Pick a real project you know, yours or your team’s. On paper or in a note, design its automated review check in four steps:
- Write the criteria file. List at most three finding types the bot may report. Give each one a concrete example, the way the lesson’s rules file does. Then write the “never flag” list, and end with the sentence granting permission to find nothing.
- Decide the delivery of context. Which checked-in files should the CI agent inherit: project memory, which rules files? Is there any standard currently living in someone’s head or home directory that the bot would miss? Write down what needs promoting.
- Plan the re-run behavior. Where will prior findings come from, and what exact instruction tells the agent to report only new or still-unaddressed issues?
- Set the budget. Give the check a turn cap, a spend ceiling per run, and a wall-clock timeout, and write one sentence justifying each number to the developer who will be waiting on it.
Keep the sketch. In the capstone lesson you will design a full system of your own, and an automated check like this one makes a strong candidate for its job.
Flashcards
Section titled “Flashcards”Q. What is headless mode in one sentence?
A non-interactive run: the print flag takes one prompt, prints the result, and exits, reading standard input and writing standard output like any command-line tool.
Q. Why can a pipeline run never wait for input?
There is no human to answer. Any pause for permission or clarification is a deadlock, so permissions and instructions must all be decided in advance.
Q. What do the output format options give an automated caller?

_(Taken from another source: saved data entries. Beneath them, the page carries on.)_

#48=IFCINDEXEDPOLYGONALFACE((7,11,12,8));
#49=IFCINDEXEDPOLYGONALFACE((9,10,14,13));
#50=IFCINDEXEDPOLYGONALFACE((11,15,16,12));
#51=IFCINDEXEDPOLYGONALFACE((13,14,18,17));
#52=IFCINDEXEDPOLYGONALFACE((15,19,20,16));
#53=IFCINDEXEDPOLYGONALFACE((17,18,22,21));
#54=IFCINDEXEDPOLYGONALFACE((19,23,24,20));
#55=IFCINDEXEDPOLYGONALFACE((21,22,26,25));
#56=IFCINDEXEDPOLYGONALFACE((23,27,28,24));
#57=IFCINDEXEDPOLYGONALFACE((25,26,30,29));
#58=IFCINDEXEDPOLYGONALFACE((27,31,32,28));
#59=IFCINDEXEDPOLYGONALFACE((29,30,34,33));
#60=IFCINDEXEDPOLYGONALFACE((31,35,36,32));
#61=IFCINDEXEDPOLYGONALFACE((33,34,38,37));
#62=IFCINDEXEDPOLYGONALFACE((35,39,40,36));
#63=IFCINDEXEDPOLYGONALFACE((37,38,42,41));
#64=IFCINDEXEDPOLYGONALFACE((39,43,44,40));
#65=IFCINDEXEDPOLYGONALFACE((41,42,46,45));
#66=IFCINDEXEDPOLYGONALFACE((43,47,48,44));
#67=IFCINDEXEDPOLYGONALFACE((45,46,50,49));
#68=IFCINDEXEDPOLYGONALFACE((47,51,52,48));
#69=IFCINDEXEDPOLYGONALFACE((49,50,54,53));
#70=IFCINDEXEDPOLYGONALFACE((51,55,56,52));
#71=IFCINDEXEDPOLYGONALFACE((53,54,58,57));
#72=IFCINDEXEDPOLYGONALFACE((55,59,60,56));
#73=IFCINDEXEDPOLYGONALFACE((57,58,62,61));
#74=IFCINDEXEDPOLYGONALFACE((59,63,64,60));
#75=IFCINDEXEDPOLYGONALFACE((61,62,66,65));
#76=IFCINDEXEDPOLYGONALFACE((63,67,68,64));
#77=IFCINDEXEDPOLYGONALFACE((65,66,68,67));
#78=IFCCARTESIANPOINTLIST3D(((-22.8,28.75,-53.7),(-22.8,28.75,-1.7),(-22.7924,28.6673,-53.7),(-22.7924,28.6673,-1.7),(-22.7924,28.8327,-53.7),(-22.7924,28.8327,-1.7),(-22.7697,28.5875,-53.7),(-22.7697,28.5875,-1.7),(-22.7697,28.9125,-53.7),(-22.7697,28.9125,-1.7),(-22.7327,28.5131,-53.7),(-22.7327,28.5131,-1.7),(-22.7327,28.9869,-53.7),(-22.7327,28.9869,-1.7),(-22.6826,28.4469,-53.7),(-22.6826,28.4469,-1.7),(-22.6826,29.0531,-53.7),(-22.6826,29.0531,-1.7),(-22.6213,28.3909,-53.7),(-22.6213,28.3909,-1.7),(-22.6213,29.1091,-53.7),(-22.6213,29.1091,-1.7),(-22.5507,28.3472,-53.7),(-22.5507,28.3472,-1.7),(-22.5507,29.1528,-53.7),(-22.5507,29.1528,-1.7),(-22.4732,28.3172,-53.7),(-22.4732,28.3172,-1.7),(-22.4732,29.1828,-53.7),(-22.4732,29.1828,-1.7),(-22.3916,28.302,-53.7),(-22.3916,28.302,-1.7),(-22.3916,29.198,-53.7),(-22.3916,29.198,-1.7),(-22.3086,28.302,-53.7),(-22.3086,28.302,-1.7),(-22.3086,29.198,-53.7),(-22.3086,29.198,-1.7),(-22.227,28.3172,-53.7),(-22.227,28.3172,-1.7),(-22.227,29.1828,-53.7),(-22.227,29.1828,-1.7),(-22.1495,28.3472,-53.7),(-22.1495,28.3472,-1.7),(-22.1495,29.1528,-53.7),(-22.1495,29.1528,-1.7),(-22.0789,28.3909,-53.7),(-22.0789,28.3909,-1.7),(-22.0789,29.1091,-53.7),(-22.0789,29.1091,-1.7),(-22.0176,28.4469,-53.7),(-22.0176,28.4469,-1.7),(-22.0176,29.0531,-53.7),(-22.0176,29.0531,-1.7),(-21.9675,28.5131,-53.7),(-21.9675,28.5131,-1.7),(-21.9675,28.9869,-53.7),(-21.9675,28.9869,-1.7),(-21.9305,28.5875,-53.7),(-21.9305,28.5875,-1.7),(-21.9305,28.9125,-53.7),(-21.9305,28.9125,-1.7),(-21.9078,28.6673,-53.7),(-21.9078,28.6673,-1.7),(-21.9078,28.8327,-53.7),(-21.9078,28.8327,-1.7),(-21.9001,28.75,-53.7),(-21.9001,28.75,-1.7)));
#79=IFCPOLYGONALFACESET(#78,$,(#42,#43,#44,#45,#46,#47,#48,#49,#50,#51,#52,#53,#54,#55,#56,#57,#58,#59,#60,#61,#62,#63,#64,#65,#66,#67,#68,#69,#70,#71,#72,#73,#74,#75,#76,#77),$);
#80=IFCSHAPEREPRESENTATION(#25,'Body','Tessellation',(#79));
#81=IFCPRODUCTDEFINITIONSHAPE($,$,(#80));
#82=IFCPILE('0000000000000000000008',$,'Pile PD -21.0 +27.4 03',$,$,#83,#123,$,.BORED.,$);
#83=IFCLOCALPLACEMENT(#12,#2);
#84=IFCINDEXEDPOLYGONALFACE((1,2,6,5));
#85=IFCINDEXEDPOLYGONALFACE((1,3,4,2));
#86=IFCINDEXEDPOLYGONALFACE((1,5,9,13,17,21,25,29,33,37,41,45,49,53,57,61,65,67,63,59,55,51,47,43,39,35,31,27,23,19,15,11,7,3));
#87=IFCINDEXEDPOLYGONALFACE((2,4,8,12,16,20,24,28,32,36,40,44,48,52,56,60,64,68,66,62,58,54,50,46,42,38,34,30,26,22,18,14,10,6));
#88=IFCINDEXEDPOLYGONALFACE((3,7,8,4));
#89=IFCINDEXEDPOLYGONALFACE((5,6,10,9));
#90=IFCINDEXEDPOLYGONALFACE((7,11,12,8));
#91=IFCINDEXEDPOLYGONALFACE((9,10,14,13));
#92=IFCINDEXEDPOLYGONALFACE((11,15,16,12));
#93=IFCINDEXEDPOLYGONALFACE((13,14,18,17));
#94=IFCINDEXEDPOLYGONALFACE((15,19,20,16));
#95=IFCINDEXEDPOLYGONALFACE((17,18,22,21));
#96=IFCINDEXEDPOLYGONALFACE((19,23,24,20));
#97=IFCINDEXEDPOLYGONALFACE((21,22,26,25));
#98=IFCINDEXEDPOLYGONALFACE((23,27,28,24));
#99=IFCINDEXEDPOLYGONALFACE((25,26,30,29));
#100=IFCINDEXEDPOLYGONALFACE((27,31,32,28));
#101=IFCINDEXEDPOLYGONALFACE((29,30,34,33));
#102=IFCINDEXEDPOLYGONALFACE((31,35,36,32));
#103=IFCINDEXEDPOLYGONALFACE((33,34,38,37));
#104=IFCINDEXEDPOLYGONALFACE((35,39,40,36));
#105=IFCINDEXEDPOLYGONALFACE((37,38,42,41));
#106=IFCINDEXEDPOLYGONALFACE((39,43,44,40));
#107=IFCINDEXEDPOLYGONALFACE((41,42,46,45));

Plain text by default, structured JSON with result, session ID, metadata, and cost, or a newline-delimited JSON event stream. A schema flag can additionally fix the shape of the findings themselves.
Q. How do findings become pull request comments?
A script parses the run’s JSON output and posts each finding through the code host’s API. The agent produces findings; plain, testable code does the posting.
Q. Who onboards the CI agent?
The repository. By default a headless run inherits the checked-in configuration layer: project memory, scoped rules, review criteria. The CI agent is the newest teammate, not a special case.
Q. Why must the reviewer never share the generator's context?
The generator’s context holds the assumptions that produced the mistakes, so a self-review reads what was meant, not what was written. A fresh invocation that knows only the artifact and the standards catches more.
Q. What is the recipe for re-runs without duplicate comments?
Fetch the bot’s prior comments, include them in the prompt, and instruct the agent to report only new or still-unaddressed issues. State lives in the pull request, not in the agent.
Q. What beats the instruction to be conservative?
Explicit criteria with concrete examples, a list of what never to flag, and permission to find nothing. Examples pin the threshold; moods get reinterpreted every run.
Q. What does a false-positive flood actually cost?
The team’s willingness to read the bot, which is the only currency it holds. A muted reviewer has negative value: it costs money and provides false comfort.
Q. Batch job versus blocking check: what differs?
Who is waiting. Batch runs can be slow, wide, and forgiving. Blocking checks must be narrow, fast, and predictable, with a turn cap, a spend ceiling, and a timeout, or they get deleted.